Differentiation Review

1. Write the product function ${\displaystyle f(x)}$ and its rate of change function for ${\displaystyle g(x)=2e^{5}x}$ and ${\displaystyle h(x)=2x^{2}-x}$.

${\displaystyle f(x)=2e^{5}x(2x^{2}-x),\ f'(x)=2e^{5}(2x^{2}-x)+2e^{5}x(4x-1)}$

2. Write the product function ${\displaystyle f(x)}$ and its rate of change function for ${\displaystyle g(x)=0.5\cos(4x)}$ and ${\displaystyle h(x)=2\ln(x)}$.

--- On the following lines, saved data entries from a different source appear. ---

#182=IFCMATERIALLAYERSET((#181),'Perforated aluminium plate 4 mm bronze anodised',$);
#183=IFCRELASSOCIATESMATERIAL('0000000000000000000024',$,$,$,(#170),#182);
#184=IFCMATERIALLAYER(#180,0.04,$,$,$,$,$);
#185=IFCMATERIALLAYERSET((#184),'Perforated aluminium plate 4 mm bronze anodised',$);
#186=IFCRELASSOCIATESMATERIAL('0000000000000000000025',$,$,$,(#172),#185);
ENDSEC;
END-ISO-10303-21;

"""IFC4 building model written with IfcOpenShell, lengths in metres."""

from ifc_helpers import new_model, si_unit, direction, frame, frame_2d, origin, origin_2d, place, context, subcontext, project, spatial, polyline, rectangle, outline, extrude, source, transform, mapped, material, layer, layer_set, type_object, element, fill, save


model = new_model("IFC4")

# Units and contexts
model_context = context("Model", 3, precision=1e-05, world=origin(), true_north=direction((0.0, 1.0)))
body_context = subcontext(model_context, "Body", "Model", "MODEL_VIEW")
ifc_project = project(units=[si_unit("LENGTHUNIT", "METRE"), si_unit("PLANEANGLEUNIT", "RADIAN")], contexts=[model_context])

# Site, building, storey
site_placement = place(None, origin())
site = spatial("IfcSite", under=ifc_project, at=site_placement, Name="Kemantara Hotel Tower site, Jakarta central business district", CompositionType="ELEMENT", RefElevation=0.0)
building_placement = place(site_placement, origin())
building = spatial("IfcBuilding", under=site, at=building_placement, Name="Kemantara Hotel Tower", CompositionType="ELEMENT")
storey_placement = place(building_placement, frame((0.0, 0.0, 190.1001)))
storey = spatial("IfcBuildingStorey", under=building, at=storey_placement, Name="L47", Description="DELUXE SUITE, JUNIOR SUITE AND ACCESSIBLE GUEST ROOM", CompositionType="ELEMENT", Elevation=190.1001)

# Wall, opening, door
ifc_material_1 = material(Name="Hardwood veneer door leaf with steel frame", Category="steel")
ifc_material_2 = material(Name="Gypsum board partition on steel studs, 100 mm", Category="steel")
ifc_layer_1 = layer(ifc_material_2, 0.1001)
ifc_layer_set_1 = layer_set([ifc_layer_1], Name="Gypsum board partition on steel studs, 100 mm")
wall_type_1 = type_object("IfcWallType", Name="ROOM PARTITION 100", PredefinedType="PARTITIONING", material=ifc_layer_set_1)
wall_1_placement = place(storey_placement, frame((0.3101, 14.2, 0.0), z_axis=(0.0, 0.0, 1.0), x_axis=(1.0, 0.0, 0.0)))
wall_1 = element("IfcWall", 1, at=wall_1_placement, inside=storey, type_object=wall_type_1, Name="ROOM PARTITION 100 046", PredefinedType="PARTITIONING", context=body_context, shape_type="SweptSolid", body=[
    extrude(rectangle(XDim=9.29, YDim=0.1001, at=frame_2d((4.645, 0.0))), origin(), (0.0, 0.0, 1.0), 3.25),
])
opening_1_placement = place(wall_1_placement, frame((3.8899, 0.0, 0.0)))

${\displaystyle f(x)=\cos(4x)\ln(x),\ f'(x)=-4\sin(4x)\ln(x)+{\frac {\cos(4x)}{x}}}$

3. Find ${\displaystyle f'(x)}$ if ${\displaystyle f(x)=(2x+3)e^{-x}}$.

${\displaystyle 2e^{-x}-(2x+3)e^{-x}}$

4. Find ${\displaystyle f'(x)}$ if ${\displaystyle f(x)=2{\sqrt {x^{3}}}\ln(x)}$.

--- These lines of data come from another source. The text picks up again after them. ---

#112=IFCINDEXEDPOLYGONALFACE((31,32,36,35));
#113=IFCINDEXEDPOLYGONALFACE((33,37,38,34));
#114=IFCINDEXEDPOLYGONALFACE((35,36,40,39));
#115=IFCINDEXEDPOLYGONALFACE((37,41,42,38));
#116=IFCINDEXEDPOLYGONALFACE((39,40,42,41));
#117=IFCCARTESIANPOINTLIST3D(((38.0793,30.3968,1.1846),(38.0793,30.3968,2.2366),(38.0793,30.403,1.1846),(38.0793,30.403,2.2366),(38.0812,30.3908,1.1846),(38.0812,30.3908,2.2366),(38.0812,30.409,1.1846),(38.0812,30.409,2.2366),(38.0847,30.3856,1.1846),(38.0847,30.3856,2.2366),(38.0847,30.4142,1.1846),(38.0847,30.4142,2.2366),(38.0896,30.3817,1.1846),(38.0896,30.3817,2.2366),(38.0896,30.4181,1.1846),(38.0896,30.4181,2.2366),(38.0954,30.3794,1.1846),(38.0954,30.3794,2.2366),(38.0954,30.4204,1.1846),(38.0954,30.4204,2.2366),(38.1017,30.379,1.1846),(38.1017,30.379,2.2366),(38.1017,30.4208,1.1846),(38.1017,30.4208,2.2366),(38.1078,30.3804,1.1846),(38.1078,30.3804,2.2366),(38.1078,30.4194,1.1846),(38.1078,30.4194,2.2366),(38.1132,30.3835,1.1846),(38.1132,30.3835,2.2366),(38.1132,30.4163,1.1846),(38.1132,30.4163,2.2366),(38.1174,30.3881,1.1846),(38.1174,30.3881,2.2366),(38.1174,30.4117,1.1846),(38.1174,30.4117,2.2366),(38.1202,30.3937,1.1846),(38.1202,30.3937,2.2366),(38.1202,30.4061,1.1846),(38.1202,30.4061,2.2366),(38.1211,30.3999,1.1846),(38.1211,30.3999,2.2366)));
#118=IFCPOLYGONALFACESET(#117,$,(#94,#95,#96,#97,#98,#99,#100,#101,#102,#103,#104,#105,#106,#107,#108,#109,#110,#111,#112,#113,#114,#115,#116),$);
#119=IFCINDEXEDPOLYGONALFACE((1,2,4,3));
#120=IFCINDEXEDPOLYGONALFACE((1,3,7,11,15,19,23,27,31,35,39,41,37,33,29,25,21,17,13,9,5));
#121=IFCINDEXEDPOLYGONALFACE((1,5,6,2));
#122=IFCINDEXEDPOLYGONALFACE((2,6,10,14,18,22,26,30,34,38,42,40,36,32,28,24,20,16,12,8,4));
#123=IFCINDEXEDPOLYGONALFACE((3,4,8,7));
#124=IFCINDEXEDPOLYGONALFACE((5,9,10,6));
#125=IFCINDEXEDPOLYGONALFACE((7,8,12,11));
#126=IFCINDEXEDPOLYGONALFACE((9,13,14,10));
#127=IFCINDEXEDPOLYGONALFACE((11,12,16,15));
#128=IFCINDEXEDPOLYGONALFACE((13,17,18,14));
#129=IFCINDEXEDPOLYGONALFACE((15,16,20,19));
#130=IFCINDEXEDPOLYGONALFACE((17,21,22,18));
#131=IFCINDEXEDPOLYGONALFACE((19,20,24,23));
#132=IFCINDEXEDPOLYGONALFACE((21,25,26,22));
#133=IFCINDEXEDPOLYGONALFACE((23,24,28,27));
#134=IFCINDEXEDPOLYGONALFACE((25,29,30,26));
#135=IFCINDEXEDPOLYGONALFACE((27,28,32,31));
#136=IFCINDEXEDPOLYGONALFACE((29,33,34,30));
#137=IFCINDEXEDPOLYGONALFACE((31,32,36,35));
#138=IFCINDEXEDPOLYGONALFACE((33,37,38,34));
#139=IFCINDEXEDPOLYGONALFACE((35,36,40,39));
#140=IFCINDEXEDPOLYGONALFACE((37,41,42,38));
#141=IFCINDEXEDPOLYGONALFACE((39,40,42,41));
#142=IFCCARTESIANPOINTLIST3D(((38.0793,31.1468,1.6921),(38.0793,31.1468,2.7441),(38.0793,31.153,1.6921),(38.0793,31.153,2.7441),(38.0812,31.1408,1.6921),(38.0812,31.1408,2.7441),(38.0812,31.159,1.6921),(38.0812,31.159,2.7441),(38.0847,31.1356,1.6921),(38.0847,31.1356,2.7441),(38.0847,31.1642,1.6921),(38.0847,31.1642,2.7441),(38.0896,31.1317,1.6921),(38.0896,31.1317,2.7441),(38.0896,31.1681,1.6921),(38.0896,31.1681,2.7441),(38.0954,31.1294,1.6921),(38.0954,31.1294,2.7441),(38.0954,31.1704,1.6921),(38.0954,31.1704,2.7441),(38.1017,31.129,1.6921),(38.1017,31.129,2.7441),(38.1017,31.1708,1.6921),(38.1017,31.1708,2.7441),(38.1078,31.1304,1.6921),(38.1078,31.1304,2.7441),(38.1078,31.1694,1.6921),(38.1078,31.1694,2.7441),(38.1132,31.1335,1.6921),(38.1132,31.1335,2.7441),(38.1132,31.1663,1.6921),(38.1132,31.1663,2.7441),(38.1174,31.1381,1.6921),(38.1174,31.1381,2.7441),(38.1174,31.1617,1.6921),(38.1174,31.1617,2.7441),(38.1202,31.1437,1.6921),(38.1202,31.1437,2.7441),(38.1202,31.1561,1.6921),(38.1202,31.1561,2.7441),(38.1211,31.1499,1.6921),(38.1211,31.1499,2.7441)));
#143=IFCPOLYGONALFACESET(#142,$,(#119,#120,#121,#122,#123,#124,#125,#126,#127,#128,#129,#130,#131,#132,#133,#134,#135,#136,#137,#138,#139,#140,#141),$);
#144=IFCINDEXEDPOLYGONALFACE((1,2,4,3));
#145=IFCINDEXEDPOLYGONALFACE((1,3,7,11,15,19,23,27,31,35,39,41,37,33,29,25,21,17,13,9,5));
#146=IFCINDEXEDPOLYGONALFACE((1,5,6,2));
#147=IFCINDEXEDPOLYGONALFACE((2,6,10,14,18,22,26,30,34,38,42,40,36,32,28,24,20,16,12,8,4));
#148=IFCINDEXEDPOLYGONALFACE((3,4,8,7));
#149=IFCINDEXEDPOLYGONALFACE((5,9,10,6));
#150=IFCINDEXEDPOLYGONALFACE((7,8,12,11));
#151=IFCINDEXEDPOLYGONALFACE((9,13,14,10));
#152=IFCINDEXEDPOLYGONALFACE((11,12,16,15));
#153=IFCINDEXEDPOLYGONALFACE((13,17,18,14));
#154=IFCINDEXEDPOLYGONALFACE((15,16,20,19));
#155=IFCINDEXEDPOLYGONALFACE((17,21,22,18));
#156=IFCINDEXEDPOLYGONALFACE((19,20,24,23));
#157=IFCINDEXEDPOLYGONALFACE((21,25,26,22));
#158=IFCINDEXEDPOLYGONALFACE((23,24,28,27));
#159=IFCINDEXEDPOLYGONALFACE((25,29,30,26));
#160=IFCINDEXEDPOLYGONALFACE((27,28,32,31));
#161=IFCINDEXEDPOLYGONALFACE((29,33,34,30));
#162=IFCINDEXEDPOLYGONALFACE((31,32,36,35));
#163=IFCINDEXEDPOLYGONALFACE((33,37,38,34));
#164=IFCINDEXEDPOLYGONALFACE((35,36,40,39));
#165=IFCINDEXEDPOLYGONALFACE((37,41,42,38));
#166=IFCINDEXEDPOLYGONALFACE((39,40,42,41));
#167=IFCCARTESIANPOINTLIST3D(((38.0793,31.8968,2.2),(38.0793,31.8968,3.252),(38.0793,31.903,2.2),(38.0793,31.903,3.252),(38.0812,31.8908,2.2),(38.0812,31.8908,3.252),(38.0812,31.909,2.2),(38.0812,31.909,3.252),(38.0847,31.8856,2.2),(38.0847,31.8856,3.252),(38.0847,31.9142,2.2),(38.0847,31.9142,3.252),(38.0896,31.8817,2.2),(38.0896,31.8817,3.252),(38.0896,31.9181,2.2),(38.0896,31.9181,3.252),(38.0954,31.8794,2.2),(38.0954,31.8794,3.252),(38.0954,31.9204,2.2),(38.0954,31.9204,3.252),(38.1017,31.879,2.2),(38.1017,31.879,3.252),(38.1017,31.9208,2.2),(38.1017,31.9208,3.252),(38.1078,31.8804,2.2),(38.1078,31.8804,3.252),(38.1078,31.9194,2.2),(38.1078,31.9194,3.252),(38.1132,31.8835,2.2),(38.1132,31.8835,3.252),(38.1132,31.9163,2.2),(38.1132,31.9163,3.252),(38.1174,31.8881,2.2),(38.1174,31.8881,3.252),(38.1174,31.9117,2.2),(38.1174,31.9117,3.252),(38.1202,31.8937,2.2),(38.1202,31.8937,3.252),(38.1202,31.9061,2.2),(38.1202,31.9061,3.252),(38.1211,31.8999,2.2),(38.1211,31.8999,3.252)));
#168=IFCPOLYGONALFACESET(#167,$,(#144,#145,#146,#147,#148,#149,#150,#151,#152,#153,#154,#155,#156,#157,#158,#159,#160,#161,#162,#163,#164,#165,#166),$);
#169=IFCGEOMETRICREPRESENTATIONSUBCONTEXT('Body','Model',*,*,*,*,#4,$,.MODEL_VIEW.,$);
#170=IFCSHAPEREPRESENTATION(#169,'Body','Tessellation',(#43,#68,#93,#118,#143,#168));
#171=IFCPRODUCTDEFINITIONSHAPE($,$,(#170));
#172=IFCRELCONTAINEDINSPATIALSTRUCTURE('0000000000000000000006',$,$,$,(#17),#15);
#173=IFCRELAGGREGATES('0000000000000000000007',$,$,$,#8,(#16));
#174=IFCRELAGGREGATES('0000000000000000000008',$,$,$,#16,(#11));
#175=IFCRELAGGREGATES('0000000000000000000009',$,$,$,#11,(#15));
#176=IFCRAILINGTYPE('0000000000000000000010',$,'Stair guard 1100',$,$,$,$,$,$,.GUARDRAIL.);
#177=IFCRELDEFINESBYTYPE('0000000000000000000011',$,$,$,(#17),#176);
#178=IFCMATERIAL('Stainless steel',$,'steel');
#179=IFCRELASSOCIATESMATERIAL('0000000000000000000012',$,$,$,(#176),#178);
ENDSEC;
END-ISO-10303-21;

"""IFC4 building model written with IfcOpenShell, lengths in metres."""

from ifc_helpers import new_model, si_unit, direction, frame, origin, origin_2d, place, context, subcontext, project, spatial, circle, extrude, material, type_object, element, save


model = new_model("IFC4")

${\displaystyle 3{\sqrt {x}}\ln(x)+2{\sqrt {x}}}$

5. Find ${\displaystyle f'(x)}$ if ${\displaystyle f(x)=(x+2)^{3}(1-x^{2})}$.

${\displaystyle 3(x+2)^{2}(1-x^{2})-2x(x+2)^{3}}$

6. Find ${\displaystyle f'(x)}$ if ${\displaystyle \displaystyle f(x)={\frac {e^{x}}{x}}}$.

${\displaystyle \displaystyle {\frac {xe^{x}-e^{x}}{x^{2}}}}$